The redwood market has been less affected than whitewood from oversupply, and prices have remained more robust. But within the UK, prices have dropped due to strong competition between importers and the desire to turn stocks back into cash. In most cases selling prices have not been reflective of the replacement costs, which are generally at higher levels.

Whitewood volumes

Although the same control measures are being taken in the whitewood market, the sheer volumes in circulation have done far more damage, and so recovery is expected to be much slower. Increased production in Germany and Sweden at a time of falling demand in both the US and Europe helped force prices down by almost 25% over the past 12 months. With a high proportion of the raw material coming from storm-damaged logs, some mills, undaunted by currency exchanges and increased running costs, simply forced as much volume into the market as they could. This affected importers’ stock values, and other producers buying fresh-cut higher-grade fibre who were forced to sell their production at a loss in order to compete.

There are some small signs that a recovery in the whitewood market is possible: one contact reported a slight increase in the Continental markets of around €5/m³ for CLS, while another spoke of increased demand from the Japanese market, although he said prices there were still an issue.

Significant volumes of short spruce logs have been sold to Swedish pulp manufacturing plants rather than sawmills, which may take the pressure off stud prices and create some opportunities for other producers like East Coast Canadians to ship more CLS.

Housing market

Closer to home, the general economic situation in the UK has led to a decline in confidence within the trade, and a great amount of uncertainty. The recently exposed weakness in the banking system has resulted in a stranglehold on mortgages to first-time buyers, which in turn has slowed down housing sales and brought new builds almost to a standstill. Share values of the UK’s national housebuilders have plummeted by an average of 60%, but some have fared far worse than others and there are worries about the financial gearing of the industry. This situation has some similarities to the early stages of the current housing crisis in the US, which has now developed into a situation where many housebuilders have gone for Chapter 11 bankruptcy protection.

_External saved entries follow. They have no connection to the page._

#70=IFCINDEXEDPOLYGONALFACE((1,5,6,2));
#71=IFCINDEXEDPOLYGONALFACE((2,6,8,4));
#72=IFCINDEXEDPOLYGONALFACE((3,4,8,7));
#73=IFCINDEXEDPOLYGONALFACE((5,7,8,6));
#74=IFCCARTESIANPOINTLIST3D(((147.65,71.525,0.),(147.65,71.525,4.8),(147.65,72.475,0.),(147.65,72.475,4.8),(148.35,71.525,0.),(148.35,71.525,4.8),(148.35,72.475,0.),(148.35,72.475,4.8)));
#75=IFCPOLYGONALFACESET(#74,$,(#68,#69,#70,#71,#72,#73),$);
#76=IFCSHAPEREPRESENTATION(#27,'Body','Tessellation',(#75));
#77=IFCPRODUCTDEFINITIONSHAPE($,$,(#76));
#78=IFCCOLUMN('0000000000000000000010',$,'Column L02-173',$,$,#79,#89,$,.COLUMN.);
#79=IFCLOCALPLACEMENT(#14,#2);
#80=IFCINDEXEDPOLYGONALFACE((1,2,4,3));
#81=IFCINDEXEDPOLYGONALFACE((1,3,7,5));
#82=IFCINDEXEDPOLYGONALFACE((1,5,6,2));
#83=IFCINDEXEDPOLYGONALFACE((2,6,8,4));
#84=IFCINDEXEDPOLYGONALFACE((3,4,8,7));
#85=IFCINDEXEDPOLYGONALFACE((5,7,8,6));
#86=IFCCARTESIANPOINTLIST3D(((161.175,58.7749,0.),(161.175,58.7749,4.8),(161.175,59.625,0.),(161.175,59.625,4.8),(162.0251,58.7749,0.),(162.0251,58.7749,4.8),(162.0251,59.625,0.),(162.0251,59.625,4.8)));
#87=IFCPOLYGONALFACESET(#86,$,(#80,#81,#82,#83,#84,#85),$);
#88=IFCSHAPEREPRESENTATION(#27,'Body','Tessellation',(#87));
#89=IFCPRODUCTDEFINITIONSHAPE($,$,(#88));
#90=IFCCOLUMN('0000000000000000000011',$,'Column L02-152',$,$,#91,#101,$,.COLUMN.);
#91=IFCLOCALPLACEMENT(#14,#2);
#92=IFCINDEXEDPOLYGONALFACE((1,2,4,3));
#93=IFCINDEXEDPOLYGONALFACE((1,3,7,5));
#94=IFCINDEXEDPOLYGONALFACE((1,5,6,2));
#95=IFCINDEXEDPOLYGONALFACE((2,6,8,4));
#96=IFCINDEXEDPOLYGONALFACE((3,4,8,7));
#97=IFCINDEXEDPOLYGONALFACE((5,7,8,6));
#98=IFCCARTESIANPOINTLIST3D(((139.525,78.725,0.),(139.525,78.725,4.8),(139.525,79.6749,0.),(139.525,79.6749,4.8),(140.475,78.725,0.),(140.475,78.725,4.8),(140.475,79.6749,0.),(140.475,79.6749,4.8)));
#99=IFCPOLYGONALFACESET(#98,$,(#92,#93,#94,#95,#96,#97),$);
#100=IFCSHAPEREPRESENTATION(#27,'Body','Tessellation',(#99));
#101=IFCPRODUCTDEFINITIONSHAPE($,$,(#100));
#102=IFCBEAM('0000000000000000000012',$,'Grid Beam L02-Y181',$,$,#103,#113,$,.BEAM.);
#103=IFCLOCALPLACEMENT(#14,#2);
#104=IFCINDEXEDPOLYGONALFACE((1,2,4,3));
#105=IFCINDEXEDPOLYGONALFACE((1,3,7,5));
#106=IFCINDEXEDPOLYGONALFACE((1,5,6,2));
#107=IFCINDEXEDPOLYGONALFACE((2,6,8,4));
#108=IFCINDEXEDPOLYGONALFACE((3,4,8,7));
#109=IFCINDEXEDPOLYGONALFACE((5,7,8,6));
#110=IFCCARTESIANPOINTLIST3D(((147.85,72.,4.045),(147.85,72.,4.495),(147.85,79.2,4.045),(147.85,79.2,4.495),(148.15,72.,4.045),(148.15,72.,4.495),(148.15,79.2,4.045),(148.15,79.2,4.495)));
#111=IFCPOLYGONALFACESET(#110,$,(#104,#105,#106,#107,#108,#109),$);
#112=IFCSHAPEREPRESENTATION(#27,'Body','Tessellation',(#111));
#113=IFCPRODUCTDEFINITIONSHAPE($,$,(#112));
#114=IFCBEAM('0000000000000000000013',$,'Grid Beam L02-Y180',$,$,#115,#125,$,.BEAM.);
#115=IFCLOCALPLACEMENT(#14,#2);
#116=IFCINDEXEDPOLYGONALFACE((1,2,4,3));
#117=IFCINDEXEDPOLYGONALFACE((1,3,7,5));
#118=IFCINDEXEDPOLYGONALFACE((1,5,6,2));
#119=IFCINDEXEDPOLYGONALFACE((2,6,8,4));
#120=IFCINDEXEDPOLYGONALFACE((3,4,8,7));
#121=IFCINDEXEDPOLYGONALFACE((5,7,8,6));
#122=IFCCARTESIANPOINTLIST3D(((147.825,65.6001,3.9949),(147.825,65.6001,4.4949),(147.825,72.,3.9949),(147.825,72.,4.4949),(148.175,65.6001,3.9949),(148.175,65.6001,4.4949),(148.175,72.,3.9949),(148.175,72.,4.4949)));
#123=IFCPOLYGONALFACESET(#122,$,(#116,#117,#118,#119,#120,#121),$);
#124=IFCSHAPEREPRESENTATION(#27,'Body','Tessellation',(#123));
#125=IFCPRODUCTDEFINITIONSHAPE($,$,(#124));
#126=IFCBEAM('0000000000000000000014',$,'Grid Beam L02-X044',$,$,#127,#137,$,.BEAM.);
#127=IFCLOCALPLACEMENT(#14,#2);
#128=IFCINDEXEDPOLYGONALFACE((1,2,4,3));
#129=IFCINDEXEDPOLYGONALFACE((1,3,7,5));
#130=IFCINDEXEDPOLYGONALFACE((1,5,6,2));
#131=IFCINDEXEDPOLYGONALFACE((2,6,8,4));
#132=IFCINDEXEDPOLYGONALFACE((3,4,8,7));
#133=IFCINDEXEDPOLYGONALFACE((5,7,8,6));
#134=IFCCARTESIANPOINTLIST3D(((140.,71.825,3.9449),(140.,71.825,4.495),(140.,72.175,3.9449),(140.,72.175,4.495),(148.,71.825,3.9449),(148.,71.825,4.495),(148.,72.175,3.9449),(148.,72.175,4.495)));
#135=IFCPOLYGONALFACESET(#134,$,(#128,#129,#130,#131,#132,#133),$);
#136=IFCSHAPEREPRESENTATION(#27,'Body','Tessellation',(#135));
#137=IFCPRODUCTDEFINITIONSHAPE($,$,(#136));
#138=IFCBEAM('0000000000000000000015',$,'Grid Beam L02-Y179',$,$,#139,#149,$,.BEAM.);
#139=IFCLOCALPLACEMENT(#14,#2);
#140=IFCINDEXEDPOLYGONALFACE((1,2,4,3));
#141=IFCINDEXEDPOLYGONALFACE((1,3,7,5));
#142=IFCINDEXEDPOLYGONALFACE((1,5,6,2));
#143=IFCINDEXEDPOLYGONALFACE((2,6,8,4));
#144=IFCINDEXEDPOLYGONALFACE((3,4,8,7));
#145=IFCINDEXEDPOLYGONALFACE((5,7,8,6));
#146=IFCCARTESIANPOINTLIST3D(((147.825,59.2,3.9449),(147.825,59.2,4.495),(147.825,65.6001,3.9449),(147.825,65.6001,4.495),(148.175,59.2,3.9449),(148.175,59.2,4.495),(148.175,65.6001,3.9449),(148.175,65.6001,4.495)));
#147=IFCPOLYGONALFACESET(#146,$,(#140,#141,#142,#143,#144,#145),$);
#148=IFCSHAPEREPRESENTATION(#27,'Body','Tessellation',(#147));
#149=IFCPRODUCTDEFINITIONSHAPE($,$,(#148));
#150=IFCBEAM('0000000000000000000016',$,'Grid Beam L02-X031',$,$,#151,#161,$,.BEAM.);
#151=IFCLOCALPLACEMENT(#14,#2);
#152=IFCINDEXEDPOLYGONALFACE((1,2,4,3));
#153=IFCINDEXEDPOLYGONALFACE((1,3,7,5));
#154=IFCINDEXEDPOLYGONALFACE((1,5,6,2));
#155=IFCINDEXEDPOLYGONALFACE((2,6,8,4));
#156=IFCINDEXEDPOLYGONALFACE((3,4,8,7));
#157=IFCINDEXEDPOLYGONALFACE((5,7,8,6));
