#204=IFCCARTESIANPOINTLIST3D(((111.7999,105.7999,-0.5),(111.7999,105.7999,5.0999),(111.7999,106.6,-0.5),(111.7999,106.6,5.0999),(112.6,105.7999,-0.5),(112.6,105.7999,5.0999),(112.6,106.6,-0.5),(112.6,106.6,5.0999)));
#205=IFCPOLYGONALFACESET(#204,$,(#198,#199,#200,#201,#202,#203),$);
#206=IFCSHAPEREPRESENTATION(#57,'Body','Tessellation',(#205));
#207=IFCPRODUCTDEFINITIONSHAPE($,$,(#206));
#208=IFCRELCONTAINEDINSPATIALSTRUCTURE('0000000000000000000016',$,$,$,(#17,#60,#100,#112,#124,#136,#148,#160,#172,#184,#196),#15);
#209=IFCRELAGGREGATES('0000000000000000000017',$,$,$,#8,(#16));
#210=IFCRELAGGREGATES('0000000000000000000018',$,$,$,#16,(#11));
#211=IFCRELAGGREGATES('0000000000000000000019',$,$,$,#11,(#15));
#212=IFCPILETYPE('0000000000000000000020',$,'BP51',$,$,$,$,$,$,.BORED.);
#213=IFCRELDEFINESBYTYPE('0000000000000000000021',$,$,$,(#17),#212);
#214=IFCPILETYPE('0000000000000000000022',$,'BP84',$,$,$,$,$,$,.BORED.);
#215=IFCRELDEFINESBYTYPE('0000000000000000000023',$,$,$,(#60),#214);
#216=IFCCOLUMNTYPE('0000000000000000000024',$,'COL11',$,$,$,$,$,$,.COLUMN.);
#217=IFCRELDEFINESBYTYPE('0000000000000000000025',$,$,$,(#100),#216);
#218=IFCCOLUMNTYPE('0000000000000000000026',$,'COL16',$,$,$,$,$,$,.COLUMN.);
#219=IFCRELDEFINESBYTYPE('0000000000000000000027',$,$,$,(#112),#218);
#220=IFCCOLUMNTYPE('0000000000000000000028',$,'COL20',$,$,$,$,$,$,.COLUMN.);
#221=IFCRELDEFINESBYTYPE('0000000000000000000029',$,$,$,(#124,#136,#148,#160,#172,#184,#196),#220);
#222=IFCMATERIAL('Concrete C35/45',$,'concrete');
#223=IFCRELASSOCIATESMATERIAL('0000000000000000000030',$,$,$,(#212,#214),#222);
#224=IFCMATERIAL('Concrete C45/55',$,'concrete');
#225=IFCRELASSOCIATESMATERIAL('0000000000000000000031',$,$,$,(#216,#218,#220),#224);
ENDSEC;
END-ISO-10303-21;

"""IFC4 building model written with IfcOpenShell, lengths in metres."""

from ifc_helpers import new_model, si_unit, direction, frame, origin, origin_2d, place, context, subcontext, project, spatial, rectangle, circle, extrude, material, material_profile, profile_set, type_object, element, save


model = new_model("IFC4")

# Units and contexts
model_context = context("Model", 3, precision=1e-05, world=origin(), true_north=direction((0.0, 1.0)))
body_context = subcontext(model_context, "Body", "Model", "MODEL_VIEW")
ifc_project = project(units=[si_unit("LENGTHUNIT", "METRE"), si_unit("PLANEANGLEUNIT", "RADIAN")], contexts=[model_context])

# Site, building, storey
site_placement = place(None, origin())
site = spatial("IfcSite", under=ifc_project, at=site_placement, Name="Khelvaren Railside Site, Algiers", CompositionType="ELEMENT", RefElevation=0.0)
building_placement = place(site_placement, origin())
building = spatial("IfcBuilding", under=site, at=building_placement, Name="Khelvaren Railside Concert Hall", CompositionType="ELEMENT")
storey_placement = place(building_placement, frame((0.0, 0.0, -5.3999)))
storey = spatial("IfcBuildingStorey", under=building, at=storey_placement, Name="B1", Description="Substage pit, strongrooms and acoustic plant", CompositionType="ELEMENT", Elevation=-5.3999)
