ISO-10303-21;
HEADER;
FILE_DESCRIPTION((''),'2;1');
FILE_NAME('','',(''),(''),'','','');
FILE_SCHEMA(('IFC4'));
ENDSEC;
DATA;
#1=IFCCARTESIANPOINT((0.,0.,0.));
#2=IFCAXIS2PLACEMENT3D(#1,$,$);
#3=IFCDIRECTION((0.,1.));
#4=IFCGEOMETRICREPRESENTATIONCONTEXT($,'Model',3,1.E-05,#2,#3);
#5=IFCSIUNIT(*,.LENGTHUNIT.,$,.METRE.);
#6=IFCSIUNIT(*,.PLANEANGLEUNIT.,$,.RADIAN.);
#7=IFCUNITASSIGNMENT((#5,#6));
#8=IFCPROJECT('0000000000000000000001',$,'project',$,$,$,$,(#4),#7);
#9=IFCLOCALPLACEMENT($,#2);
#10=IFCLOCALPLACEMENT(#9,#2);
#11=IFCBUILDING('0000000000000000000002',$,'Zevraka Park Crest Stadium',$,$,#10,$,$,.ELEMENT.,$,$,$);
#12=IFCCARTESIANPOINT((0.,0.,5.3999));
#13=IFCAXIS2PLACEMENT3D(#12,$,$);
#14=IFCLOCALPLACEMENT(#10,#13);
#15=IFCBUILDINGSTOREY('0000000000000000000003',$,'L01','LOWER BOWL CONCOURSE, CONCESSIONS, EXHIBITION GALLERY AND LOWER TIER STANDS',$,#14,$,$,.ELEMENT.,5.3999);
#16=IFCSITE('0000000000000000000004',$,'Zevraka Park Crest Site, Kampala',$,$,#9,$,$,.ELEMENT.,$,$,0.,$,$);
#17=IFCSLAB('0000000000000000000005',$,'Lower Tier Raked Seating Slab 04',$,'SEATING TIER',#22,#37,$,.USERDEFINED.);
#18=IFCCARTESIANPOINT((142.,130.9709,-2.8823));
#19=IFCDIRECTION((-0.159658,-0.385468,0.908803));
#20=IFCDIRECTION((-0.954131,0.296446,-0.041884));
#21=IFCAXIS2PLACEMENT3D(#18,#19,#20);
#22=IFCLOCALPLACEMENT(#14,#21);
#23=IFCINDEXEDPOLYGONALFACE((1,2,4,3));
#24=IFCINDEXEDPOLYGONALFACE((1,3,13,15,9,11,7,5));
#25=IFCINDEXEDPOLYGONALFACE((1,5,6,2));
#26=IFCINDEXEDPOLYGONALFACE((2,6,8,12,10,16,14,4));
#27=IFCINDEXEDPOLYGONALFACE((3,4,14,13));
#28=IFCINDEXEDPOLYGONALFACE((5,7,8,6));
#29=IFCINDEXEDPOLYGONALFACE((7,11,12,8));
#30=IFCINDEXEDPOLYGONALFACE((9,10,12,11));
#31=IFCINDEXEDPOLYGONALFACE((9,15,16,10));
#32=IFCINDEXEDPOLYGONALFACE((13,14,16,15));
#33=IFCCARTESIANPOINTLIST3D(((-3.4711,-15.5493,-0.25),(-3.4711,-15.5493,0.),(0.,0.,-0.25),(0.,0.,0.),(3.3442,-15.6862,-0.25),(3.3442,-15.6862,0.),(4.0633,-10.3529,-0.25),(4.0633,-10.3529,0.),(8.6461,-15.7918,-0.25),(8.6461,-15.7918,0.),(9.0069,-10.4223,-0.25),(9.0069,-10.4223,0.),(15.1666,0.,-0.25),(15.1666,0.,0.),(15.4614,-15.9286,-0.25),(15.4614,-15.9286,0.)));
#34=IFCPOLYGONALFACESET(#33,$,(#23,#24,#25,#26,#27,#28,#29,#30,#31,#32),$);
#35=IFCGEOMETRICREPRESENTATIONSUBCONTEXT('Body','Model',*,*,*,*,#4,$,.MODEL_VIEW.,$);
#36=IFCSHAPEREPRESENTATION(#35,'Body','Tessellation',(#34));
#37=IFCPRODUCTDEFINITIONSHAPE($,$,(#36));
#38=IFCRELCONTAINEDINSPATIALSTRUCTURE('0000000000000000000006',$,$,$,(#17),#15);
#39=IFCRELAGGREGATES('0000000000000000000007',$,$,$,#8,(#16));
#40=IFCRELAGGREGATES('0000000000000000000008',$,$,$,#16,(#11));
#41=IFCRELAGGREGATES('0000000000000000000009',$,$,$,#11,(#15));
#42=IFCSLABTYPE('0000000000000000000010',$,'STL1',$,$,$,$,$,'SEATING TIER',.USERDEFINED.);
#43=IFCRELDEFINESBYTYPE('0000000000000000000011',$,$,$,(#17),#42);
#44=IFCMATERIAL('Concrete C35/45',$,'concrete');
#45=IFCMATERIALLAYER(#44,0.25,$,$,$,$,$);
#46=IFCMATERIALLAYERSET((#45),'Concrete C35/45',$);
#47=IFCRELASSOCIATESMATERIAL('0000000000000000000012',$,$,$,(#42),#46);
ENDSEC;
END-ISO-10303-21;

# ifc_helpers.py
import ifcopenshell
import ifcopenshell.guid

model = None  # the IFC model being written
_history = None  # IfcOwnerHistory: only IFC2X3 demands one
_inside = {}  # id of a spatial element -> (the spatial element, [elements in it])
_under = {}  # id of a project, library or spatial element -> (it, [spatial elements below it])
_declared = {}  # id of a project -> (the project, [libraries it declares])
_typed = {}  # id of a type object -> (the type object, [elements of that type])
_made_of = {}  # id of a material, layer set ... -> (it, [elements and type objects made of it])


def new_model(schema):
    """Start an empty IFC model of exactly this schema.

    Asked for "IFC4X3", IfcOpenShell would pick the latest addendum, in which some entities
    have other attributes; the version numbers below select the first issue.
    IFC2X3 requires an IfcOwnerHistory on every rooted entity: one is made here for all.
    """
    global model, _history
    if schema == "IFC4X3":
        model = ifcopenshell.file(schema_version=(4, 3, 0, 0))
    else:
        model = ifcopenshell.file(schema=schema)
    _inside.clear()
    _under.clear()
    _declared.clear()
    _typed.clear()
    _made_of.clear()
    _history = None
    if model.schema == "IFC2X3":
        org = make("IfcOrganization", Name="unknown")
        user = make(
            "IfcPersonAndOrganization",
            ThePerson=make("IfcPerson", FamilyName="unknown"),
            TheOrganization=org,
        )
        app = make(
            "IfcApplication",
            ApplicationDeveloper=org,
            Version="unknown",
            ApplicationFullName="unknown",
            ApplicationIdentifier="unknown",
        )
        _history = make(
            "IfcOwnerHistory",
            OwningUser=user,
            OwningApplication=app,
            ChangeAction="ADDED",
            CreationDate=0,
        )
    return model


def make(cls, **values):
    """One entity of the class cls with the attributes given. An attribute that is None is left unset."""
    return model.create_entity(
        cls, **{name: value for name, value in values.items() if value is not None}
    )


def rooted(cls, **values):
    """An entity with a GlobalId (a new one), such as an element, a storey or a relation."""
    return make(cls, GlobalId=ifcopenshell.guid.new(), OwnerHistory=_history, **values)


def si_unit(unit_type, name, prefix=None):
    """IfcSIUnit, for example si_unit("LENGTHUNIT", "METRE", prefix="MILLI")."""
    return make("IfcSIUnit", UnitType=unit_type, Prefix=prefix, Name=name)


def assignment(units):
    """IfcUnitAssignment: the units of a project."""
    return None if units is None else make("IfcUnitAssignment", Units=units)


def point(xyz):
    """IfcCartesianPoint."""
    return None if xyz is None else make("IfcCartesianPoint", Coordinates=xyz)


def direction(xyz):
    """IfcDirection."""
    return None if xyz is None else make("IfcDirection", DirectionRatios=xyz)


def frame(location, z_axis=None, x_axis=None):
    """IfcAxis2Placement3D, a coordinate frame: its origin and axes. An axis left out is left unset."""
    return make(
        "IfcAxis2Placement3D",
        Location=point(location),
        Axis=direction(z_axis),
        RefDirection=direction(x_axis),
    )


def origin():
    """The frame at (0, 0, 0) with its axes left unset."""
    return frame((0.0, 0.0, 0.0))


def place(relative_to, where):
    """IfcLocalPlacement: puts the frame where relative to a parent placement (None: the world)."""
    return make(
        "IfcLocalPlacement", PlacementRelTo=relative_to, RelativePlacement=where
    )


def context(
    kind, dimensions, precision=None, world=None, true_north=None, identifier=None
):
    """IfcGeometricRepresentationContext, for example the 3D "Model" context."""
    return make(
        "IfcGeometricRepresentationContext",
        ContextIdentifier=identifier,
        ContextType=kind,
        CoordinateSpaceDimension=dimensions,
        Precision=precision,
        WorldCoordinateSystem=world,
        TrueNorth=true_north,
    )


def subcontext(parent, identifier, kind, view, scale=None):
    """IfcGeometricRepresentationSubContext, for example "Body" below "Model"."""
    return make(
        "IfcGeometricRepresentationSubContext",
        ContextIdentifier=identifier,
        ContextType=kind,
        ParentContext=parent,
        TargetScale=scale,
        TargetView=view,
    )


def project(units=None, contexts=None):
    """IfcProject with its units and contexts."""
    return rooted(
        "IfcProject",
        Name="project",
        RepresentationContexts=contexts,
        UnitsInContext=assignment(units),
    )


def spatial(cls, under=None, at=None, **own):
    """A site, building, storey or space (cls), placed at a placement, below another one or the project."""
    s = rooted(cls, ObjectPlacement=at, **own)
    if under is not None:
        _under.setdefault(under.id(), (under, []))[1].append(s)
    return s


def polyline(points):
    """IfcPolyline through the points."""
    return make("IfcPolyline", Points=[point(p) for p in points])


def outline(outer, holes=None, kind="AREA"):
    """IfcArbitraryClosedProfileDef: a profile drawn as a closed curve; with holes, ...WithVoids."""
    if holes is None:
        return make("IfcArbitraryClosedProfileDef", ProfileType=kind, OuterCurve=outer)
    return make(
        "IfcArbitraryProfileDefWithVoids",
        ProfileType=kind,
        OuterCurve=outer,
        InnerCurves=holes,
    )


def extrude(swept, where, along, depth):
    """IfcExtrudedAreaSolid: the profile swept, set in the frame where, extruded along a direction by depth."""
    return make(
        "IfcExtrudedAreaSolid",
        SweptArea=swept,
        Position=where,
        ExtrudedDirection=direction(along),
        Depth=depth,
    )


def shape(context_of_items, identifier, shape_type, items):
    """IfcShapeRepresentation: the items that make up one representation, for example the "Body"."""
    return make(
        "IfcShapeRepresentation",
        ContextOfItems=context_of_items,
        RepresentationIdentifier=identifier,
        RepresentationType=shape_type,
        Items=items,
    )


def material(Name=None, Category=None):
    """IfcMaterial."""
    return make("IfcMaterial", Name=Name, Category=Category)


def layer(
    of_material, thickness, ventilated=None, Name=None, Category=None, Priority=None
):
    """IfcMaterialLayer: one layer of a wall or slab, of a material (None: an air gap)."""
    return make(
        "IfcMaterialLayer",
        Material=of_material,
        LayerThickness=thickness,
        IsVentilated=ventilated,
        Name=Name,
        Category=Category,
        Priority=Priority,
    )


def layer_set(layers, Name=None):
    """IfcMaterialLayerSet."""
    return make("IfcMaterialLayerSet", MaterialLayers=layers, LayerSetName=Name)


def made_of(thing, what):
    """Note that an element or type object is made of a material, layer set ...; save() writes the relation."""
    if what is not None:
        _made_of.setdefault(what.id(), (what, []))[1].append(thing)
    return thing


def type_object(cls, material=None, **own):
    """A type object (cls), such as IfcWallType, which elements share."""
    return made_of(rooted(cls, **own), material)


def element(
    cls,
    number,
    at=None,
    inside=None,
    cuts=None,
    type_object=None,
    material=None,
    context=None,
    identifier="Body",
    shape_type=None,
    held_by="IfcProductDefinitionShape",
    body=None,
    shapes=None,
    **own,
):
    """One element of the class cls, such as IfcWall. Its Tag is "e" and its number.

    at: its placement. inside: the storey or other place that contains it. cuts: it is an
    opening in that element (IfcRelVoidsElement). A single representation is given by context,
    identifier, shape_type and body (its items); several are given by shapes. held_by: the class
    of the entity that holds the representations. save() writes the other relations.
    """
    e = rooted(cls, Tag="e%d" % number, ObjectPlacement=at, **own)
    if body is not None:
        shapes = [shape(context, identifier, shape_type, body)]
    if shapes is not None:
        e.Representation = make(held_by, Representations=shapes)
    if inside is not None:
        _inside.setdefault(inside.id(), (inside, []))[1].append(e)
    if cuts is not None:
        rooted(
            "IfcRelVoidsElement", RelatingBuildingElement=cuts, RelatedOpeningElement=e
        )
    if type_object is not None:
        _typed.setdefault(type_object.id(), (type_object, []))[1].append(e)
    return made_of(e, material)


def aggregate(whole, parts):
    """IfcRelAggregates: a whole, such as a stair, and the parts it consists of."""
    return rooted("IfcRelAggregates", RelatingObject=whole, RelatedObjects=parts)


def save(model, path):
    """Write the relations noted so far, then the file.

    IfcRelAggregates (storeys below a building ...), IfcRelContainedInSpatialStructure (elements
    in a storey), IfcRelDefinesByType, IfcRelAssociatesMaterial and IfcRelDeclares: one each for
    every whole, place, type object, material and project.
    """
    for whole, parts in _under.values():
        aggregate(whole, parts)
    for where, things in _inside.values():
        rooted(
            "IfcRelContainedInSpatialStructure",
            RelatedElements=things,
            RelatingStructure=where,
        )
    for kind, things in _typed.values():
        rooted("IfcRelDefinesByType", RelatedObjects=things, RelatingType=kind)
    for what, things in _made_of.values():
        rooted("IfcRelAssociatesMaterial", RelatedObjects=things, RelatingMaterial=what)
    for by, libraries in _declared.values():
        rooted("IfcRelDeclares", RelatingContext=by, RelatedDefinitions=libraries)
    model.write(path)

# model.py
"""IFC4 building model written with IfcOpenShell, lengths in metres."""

from ifc_helpers import new_model, si_unit, direction, frame, origin, place, context, subcontext, project, spatial, polyline, outline, extrude, material, layer, layer_set, type_object, element, save


model = new_model("IFC4")

# Units and contexts
model_context = context("Model", 3, precision=1e-05, world=origin(), true_north=direction((0.0, 1.0)))
body_context = subcontext(model_context, "Body", "Model", "MODEL_VIEW")
ifc_project = project(units=[si_unit("LENGTHUNIT", "METRE"), si_unit("PLANEANGLEUNIT", "RADIAN")], contexts=[model_context])

# Site, building, storey
site_placement = place(None, origin())
site = spatial("IfcSite", under=ifc_project, at=site_placement, Name="Zevraka Park Crest Site, Kampala", CompositionType="ELEMENT", RefElevation=0.0)
building_placement = place(site_placement, origin())
building = spatial("IfcBuilding", under=site, at=building_placement, Name="Zevraka Park Crest Stadium", CompositionType="ELEMENT")
storey_placement = place(building_placement, frame((0.0, 0.0, 5.3999)))
storey = spatial("IfcBuildingStorey", under=building, at=storey_placement, Name="L01", Description="LOWER BOWL CONCOURSE, CONCESSIONS, EXHIBITION GALLERY AND LOWER TIER STANDS", CompositionType="ELEMENT", Elevation=5.3999)

# Slab
ifc_material_1 = material(Name="Concrete C35/45", Category="concrete")
ifc_layer_1 = layer(ifc_material_1, 0.25)
ifc_layer_set_1 = layer_set([ifc_layer_1], Name="Concrete C35/45")
slab_type = type_object("IfcSlabType", Name="STL1", ElementType="SEATING TIER", PredefinedType="USERDEFINED", material=ifc_layer_set_1)
slab_1_placement = place(storey_placement, frame((142.0, 130.9709, -2.8823), z_axis=(-0.159658, -0.385468, 0.908803), x_axis=(-0.954131, 0.296446, -0.041884)))
element("IfcSlab", 1, at=slab_1_placement, inside=storey, type_object=slab_type, Name="Lower Tier Raked Seating Slab 04", ObjectType="SEATING TIER", PredefinedType="USERDEFINED", context=body_context, shape_type="SweptSolid", body=[
    extrude(outline(polyline([(0.0, 0.0), (15.1666, 0.0), (15.4614, -15.9286), (8.6461, -15.7918), (9.0069, -10.4223), (4.0633, -10.3529), (3.3442, -15.6862), (-3.4711, -15.5493), (0.0, 0.0)])), origin(), (0.0, 0.0, -1.0), 0.25),
])

save(model, "model.ifc")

How the downturn in UK housing will affect the softwood market might not be as straightforward as it first seems. Many new housing developments are already using engineered wood components such as

I-beams, so it is credible to argue that the solid joist market has already gone through a period of significant change and will not be as vulnerable to this downturn as in the past. However, the wide use of CLS in timber frame construction will come under further pressure as off-site frame manufacturers experience a slowdown in growth due to problems in the volume housing market.

Softwood decking

Demand for softwood decking has continued to disappoint traders, but timber cladding for municipal and industrial use has enjoyed steady demand. Shortages in the supply and rising costs of cedar and some hardwoods have increased the rate of growth in the modified wood market. Architects are beginning to specify this new generation of products more readily as they are becoming aware of the high performance capabilities.

In spite of the problems associated with the housing market, the demand for bespoke joinery products has remained firm, and companies trading in laminated and finger-jointed specifications report more interest from manufacturers looking for more stable and reliable products. Importers and merchants specialising in more value-added technical products seem to be achieving better trading results than those tied to the most basic commodity softwoods. In spite of some worrying times ahead, some sections of the softwood industry remain more optimistic than others, but everyone is preparing for a difficult time ahead.